Visualizzazione 3D fotorealistica di una sezione cellulare che mostra la proteina EGFR sulla membrana di un lisosoma (sfera grigiastra). EGFR (struttura complessa blu/viola) interagisce con Rheb (piccola proteina gialla), facilitando il caricamento di GTP (sfera rossa luminosa) su Rheb. Questo attiva il complesso mTORC1 (grande struttura multimerica arancione/rossa) anch'esso localizzato sul lisosoma. Effetto profondità di campo, illuminazione drammatica che evidenzia l'interazione chiave. Obiettivo macro 90mm, alta risoluzione.
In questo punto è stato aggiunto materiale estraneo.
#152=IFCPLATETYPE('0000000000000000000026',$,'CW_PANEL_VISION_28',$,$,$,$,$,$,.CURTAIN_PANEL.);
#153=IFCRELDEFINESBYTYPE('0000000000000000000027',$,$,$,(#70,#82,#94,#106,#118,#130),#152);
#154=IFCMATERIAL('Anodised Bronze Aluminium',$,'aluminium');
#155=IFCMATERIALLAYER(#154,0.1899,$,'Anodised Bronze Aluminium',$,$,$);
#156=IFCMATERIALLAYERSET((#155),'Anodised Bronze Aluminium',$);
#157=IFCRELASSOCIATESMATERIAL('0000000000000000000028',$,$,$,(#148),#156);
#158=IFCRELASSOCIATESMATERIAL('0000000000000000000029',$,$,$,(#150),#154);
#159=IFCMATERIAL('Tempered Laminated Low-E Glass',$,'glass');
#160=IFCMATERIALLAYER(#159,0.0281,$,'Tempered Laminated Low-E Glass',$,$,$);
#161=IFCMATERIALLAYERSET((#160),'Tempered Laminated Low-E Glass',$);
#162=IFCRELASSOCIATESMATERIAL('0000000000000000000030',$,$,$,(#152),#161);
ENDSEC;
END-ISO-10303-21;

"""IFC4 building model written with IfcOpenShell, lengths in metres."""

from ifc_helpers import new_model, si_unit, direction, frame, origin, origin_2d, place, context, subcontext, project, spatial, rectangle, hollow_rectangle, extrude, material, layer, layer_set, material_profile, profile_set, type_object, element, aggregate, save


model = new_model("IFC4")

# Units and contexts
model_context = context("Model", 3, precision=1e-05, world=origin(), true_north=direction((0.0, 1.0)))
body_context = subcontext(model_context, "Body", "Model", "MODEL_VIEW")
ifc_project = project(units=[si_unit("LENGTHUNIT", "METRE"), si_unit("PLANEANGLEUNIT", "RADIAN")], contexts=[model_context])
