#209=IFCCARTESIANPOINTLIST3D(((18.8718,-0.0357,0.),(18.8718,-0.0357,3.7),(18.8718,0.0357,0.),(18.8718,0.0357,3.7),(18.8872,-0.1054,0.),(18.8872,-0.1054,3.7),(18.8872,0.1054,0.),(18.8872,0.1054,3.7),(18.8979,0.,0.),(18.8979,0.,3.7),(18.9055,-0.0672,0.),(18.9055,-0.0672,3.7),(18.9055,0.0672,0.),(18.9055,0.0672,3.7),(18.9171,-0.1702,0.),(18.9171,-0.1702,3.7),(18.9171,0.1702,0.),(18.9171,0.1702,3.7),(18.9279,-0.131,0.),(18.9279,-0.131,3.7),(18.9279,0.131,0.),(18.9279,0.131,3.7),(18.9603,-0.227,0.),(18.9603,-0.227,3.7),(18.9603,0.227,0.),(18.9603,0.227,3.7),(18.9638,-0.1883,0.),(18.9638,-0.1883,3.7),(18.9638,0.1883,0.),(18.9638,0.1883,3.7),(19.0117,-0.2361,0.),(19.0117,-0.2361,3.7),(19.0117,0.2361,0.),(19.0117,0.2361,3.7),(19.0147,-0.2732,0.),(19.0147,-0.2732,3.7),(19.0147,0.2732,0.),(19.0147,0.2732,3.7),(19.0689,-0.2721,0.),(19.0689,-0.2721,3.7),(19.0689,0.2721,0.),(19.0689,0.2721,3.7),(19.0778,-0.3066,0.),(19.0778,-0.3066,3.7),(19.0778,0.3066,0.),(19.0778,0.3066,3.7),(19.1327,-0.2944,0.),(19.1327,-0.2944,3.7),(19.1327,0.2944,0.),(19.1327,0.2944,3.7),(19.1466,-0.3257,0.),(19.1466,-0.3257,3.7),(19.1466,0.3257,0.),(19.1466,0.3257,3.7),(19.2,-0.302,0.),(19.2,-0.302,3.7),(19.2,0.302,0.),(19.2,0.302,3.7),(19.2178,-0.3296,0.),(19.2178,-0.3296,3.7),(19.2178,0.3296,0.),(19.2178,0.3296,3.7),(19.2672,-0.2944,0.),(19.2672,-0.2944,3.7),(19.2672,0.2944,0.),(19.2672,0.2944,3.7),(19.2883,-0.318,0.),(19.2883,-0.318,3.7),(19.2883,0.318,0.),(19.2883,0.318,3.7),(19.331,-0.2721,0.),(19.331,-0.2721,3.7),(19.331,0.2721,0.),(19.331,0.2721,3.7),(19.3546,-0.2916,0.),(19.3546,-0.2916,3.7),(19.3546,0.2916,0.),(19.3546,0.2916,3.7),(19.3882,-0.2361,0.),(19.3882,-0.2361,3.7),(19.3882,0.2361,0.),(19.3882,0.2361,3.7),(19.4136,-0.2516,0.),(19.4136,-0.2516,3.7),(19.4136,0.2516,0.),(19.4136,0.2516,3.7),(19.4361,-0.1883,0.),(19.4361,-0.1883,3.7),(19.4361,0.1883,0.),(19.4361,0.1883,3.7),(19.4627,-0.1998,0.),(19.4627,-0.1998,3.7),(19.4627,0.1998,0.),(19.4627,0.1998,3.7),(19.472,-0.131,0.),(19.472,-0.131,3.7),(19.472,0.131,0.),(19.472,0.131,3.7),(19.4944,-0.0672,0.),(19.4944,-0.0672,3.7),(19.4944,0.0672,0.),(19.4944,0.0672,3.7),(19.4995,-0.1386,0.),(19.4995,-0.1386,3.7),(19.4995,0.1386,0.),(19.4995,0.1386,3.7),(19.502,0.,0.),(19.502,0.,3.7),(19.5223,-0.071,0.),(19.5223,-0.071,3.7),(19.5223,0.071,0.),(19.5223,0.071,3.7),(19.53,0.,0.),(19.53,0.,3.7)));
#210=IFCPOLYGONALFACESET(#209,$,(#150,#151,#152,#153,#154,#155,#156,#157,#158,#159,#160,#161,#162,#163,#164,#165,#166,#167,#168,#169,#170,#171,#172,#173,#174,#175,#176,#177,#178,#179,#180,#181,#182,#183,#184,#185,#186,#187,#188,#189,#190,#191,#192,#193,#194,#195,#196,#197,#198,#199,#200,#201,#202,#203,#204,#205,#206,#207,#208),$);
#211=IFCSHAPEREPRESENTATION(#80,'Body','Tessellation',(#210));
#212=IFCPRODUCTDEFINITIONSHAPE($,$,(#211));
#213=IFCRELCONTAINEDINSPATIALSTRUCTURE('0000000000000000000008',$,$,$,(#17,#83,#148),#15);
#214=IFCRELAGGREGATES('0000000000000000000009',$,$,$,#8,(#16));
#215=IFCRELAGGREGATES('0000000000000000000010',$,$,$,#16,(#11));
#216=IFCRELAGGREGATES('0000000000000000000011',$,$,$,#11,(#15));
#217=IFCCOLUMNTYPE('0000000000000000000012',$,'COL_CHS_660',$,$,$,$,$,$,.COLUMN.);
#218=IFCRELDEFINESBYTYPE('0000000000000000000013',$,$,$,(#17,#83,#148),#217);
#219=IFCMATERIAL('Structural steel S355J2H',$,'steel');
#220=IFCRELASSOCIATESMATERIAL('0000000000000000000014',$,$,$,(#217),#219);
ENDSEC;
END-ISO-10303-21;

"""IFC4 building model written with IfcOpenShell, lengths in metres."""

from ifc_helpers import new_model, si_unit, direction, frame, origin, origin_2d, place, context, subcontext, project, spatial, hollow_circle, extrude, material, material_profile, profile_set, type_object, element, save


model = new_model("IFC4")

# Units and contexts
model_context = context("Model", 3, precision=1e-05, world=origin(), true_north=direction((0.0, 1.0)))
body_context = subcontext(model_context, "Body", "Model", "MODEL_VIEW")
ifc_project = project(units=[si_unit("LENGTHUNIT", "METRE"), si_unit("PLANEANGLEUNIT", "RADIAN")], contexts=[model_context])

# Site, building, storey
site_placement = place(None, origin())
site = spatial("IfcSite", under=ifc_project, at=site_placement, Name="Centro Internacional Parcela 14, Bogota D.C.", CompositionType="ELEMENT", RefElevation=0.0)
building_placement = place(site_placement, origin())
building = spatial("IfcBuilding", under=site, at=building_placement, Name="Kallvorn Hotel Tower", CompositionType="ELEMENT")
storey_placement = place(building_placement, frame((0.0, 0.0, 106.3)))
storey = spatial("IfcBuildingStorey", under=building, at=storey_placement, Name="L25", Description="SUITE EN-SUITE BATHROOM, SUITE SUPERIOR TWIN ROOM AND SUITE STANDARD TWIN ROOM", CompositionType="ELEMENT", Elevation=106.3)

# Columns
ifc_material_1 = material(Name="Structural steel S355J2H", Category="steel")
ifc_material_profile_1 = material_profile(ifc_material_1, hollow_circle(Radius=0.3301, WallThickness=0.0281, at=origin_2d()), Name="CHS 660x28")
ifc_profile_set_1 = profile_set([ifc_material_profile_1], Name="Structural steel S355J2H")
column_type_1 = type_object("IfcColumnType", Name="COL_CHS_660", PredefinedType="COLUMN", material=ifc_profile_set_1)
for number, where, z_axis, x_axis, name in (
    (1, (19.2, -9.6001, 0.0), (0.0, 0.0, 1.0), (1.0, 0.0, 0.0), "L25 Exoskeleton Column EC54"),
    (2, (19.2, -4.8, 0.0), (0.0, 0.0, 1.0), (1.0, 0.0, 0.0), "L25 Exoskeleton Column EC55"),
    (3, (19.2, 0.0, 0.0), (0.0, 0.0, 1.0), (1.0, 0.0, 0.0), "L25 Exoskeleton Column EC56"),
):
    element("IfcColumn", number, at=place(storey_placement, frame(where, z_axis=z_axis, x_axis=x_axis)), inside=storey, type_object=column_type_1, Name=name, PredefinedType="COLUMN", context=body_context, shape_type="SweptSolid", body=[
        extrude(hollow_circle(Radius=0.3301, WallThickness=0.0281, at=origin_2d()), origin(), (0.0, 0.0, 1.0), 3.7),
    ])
EGFR: La Sorpresa nel Lisosoma che Attiva la Crescita Cellulare!

Ciao a tutti, appassionati di scienza e scoperte! Oggi voglio parlarvi di qualcosa che mi ha davvero entusiasmato nel campo della biologia cellulare e dell’oncologia. Parliamo di una proteina molto conosciuta, quasi una celebrità nel mondo della ricerca sul cancro: il recettore del fattore di crescita epidermico, o più semplicemente EGFR.

Per anni, abbiamo studiato EGFR principalmente per la sua attività chinasica. In pratica, quando viene attivato (spesso da mutazioni nei tumori), inizia una cascata di segnali fosforilando altre proteine, un po’ come un effetto domino. Uno dei risultati principali di questa cascata è l’attivazione di un altro complesso importantissimo per la crescita cellulare, chiamato mTORC1 (mechanistic Target Of Rapamycin Complex 1). Questo complesso è come un direttore d’orchestra che regola la produzione di proteine, lipidi e altre molecole essenziali, dicendo alla cellula: “Cresci! Prolifera!”. Fin qui, tutto abbastanza noto: EGFR mutato -> attivazione della via PI3K/AKT -> attivazione di mTORC1 -> crescita tumorale. Semplice, no?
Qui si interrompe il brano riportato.